I'm starting with this dataframe:

In [6]: df = pl.DataFrame({'a': [1, 1, 2, 0], 'b': [1, 4, 1, 5]})

In [7]: df
Out[7]:
shape: (4, 2)
┌─────┬─────┐
│ a   ┆ b   │
│ --- ┆ --- │
│ i64 ┆ i64 │
╞═════╪═════╡
│ 1   ┆ 1   │
│ 1   ┆ 4   │
│ 2   ┆ 1   │
│ 0   ┆ 5   │
└─────┴─────┘

I'd like to filter on rows where (pl.col('a'), pl.col('b')) is greater than (1, 2), lexicographically.
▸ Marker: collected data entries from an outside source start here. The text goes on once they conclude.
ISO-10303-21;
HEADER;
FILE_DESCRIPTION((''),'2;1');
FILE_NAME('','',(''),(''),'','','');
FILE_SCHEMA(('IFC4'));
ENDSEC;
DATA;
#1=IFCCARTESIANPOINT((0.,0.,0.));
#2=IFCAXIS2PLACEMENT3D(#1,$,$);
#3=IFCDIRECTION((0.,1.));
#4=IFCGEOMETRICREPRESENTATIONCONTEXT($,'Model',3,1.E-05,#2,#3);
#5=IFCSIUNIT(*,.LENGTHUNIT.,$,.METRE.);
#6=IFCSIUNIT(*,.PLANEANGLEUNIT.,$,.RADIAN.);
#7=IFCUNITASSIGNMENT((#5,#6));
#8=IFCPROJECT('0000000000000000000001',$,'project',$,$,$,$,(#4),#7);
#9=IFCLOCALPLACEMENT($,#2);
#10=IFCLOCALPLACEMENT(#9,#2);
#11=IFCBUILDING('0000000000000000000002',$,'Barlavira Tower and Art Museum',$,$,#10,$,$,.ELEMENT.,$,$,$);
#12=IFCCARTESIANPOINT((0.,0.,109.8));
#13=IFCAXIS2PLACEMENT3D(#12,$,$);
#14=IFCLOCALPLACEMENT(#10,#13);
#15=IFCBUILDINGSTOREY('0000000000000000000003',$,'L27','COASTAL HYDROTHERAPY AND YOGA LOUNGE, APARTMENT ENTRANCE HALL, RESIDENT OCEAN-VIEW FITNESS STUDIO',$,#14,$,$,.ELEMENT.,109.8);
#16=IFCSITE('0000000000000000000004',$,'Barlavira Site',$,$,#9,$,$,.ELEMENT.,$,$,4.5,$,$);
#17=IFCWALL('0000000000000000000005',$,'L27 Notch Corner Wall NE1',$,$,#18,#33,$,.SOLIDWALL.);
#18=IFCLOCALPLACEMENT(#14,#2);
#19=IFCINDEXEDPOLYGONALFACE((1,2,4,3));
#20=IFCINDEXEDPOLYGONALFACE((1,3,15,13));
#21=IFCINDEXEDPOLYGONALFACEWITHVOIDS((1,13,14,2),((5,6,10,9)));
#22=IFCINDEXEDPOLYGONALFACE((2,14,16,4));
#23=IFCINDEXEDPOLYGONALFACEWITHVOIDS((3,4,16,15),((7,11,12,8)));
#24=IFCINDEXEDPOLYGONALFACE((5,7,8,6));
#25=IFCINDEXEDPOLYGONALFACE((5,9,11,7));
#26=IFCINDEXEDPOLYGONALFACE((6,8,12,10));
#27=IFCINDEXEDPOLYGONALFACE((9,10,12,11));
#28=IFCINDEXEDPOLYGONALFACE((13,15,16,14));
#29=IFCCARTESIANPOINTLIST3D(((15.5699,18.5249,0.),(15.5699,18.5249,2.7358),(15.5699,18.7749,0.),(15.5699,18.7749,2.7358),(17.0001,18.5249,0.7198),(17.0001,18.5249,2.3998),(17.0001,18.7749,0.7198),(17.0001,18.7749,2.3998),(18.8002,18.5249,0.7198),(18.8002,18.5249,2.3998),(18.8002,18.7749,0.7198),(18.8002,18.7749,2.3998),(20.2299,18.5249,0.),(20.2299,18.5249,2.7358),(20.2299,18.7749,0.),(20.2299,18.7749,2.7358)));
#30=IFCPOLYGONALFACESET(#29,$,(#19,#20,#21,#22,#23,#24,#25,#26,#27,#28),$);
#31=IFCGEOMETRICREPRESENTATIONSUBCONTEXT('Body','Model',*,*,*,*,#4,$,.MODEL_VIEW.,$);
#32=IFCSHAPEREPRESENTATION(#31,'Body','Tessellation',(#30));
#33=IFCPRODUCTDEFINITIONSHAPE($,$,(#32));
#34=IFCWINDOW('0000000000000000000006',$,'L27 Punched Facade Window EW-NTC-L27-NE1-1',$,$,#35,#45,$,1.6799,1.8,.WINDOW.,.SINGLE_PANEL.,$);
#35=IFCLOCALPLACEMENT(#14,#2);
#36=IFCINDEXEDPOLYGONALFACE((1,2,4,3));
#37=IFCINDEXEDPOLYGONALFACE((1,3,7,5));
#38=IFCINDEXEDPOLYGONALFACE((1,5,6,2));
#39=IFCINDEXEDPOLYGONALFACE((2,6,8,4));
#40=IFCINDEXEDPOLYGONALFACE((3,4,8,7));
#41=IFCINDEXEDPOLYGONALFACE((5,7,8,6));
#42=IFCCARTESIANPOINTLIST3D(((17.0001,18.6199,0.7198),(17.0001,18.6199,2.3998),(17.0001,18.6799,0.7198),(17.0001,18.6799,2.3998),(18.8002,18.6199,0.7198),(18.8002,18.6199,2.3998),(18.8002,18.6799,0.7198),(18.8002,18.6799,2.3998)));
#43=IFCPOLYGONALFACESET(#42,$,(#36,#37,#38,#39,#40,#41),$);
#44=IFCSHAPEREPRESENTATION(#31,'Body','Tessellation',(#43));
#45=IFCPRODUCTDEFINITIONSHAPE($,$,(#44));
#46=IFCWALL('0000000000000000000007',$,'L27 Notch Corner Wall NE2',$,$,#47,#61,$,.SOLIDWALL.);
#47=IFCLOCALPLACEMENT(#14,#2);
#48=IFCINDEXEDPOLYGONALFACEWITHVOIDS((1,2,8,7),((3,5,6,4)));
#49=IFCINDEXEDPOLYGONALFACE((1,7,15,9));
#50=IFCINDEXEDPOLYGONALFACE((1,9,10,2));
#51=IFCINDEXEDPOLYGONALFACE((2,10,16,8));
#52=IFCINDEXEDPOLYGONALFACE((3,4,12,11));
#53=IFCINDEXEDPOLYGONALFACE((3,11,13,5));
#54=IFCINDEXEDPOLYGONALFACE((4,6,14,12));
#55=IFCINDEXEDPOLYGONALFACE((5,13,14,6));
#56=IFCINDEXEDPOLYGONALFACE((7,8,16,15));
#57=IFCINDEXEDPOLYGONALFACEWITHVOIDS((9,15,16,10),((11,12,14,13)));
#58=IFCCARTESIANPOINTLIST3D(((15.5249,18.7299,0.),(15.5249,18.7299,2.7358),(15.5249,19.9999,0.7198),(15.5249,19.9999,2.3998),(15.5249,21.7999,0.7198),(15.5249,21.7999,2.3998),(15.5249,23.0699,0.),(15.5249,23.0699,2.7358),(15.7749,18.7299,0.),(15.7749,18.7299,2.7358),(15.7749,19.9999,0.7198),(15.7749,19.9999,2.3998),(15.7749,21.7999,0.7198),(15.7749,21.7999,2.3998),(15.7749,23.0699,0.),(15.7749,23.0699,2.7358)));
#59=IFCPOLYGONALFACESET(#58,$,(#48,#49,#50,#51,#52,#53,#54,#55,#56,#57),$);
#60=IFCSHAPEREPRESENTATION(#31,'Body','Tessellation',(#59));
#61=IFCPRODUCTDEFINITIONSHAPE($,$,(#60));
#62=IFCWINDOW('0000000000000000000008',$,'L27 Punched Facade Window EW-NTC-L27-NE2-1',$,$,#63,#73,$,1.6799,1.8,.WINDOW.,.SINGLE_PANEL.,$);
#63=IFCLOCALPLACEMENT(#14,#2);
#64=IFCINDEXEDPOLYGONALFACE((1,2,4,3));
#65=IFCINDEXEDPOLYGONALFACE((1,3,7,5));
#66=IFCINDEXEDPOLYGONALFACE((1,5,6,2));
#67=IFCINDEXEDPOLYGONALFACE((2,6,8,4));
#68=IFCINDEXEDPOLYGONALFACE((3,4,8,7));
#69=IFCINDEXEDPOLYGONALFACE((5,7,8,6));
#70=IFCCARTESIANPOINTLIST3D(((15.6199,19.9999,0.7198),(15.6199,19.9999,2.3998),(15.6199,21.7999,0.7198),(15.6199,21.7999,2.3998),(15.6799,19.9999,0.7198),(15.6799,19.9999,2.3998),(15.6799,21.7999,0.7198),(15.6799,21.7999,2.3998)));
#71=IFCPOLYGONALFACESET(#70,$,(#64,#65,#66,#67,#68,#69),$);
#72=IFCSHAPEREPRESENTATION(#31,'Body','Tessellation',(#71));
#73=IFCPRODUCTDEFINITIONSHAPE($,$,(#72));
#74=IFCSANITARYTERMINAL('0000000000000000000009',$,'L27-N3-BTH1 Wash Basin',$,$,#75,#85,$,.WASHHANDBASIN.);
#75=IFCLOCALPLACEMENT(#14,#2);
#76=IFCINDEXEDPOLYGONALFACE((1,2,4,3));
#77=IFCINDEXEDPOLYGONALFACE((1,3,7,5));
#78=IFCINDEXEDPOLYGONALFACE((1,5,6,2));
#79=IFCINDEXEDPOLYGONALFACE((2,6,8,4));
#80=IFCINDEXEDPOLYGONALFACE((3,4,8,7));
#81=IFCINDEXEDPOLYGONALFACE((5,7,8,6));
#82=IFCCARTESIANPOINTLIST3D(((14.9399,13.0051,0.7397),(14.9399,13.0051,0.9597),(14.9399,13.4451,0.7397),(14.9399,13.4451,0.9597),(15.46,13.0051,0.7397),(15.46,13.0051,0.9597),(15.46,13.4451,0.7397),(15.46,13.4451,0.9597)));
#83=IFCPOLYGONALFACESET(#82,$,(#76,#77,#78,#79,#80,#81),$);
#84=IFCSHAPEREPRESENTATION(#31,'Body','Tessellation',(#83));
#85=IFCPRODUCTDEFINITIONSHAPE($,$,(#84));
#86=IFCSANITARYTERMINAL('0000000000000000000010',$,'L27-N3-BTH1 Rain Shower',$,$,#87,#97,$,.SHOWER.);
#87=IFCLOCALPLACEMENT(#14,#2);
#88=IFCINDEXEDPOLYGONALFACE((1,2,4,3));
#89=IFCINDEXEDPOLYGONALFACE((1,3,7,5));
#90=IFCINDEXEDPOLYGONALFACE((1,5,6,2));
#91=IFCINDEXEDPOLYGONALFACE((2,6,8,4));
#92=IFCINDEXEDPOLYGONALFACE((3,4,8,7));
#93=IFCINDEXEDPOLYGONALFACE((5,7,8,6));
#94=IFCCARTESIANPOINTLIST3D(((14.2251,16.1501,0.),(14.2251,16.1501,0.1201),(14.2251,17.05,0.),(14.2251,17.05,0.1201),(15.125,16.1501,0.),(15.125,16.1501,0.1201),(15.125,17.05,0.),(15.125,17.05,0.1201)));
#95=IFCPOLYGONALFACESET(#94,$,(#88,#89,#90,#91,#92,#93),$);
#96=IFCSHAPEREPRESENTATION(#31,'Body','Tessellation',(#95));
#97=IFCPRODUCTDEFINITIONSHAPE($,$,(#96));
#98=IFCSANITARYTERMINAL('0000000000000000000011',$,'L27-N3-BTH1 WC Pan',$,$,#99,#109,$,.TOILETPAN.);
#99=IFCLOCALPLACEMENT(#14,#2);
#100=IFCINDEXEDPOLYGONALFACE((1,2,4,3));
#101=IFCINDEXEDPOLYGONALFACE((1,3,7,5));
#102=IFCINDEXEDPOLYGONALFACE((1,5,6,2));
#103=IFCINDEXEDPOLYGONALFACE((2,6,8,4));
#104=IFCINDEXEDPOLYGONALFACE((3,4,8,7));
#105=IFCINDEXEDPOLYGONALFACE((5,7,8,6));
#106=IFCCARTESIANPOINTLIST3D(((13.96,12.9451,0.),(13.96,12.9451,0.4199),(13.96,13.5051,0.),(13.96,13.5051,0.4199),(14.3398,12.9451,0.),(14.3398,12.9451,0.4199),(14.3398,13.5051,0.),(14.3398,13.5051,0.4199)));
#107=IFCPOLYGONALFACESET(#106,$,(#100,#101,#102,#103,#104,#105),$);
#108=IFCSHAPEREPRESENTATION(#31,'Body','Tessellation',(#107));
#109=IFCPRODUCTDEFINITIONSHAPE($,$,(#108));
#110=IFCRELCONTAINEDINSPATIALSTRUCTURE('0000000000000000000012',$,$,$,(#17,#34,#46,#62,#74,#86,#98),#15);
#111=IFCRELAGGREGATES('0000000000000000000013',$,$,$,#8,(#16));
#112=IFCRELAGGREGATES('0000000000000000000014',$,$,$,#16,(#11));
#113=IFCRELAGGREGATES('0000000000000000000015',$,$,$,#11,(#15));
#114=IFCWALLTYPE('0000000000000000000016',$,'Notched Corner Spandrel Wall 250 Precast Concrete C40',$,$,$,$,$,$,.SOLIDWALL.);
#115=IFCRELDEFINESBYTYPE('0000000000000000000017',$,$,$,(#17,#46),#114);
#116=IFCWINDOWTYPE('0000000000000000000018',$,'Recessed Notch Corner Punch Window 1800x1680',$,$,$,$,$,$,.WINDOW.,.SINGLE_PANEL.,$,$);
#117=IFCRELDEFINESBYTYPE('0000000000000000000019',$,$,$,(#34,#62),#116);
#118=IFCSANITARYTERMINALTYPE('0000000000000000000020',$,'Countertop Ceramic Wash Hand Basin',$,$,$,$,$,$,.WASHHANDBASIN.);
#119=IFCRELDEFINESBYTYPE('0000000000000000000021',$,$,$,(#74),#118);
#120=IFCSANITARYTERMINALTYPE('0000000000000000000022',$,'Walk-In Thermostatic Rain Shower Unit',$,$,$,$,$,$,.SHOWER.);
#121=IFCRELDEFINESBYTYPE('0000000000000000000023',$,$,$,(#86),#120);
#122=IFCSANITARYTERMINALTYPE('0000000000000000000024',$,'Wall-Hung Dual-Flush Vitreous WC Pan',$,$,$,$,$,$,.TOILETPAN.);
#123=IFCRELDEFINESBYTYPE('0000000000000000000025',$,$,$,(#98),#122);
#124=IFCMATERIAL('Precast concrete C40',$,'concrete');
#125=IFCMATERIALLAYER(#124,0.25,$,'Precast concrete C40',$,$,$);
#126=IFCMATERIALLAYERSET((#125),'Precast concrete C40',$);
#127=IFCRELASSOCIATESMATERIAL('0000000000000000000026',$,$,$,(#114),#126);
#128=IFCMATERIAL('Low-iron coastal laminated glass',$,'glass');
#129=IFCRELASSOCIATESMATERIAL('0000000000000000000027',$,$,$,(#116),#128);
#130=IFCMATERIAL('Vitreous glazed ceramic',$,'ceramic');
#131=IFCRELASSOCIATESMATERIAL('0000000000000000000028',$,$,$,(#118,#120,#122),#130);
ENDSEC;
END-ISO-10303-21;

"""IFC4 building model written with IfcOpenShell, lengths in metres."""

from ifc_helpers import new_model, si_unit, direction, frame, frame_2d, origin, origin_2d, place, context, subcontext, project, spatial, rectangle, extrude, material, layer, layer_set, type_object, element, fill, save


model = new_model("IFC4")

# Units and contexts
model_context = context("Model", 3, precision=1e-05, world=origin(), true_north=direction((0.0, 1.0)))
body_context = subcontext(model_context, "Body", "Model", "MODEL_VIEW")
ifc_project = project(units=[si_unit("LENGTHUNIT", "METRE"), si_unit("PLANEANGLEUNIT", "RADIAN")], contexts=[model_context])

# Site, building, storey
site_placement = place(None, origin())
site = spatial("IfcSite", under=ifc_project, at=site_placement, Name="Barlavira Site", CompositionType="ELEMENT", RefElevation=4.5)
building_placement = place(site_placement, origin())
building = spatial("IfcBuilding", under=site, at=building_placement, Name="Barlavira Tower and Art Museum", CompositionType="ELEMENT")
storey_placement = place(building_placement, frame((0.0, 0.0, 109.8)))
storey = spatial("IfcBuildingStorey", under=building, at=storey_placement, Name="L27", Description="COASTAL HYDROTHERAPY AND YOGA LOUNGE, APARTMENT ENTRANCE HALL, RESIDENT OCEAN-VIEW FITNESS STUDIO", CompositionType="ELEMENT", Elevation=109.8)

# Walls, openings, windows
ifc_material_1 = material(Name="Precast concrete C40", Category="concrete")
ifc_layer_1 = layer(ifc_material_1, 0.25, Name="Precast concrete C40")
ifc_layer_set_1 = layer_set([ifc_layer_1], Name="Precast concrete C40")
wall_type_1 = type_object("IfcWallType", Name="Notched Corner Spandrel Wall 250 Precast Concrete C40", PredefinedType="SOLIDWALL", material=ifc_layer_set_1)
ifc_material_2 = material(Name="Low-iron coastal laminated glass", Category="glass")
window_type = type_object("IfcWindowType", Name="Recessed Notch Corner Punch Window 1800x1680", PartitioningType="SINGLE_PANEL", PredefinedType="WINDOW", material=ifc_material_2)
wall_1_placement = place(storey_placement, frame((20.23, 18.6499, 0.0), z_axis=(0.0, 0.0, 1.0), x_axis=(-1.0, 0.0, 0.0)))
wall_1 = element("IfcWall", 1, at=wall_1_placement, inside=storey, type_object=wall_type_1, Name="L27 Notch Corner Wall NE1", PredefinedType="SOLIDWALL", context=body_context, shape_type="SweptSolid", body=[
By that, I mean:

  • first, compare column 'a' to 1
  • then, compare column 'b' to 2

So, for example:

  • (1, 1) < (1, 2)
  • (1, 3) > (1, 2)
  • (2, 1) > (1, 2)

I could only come up with a way to do this using map_rows:


In [8]: df.filter(df.map_rows(lambda row: (row[0], row[1]) > (1, 2))['map'])
Out[8]:
shape: (2, 2)
┌─────┬─────┐
│ a   ┆ b   │
│ --- ┆ --- │
│ i64 ┆ i64 │
╞═════╪═════╡
│ 1   ┆ 4   │
│ 2   ┆ 1   │
└─────┴─────┘

Is there a way to do it without map_rows?

EDIT

note that this is not the same as just filetering on each column separately:

In [9]: df.filter((pl.col("a") > 1) | (pl.col("b") > 2))
Out[9]:
shape: (3, 2)
┌─────┬─────┐
│ a   ┆ b   │
│ --- ┆ --- │
│ i64 ┆ i64 │
╞═════╪═════╡
│ 1   ┆ 4   │
│ 2   ┆ 1   │
│ 0   ┆ 5   │
└─────┴─────┘

Solution

  • So as far as I understood you want the normal tuple comparison. So my solution would be then this:

    import polars as pl
    
    df = pl.DataFrame({'a': [1, 1, 2], 'b': [1, 4, 1]})
    
    df.filter((pl.col("a") > 1) | ((pl.col("a") == 1) & (pl.col("b") > 2)))
    

    You can extend this in little function:

    def lex_greater(x: tuple, column_names: list[str]) -> pl.Expr:
        expr_collector = False
        equal_expr = True
        for i, name in zip(x,column_names):
            expr_collector = expr_collector | (equal_expr & (pl.col(name) > i))
            equal_expr = (pl.col(name) == i)
        return(expr_collector)
    
    df.filter(lex_greater((1, 2), ["a", "b"]))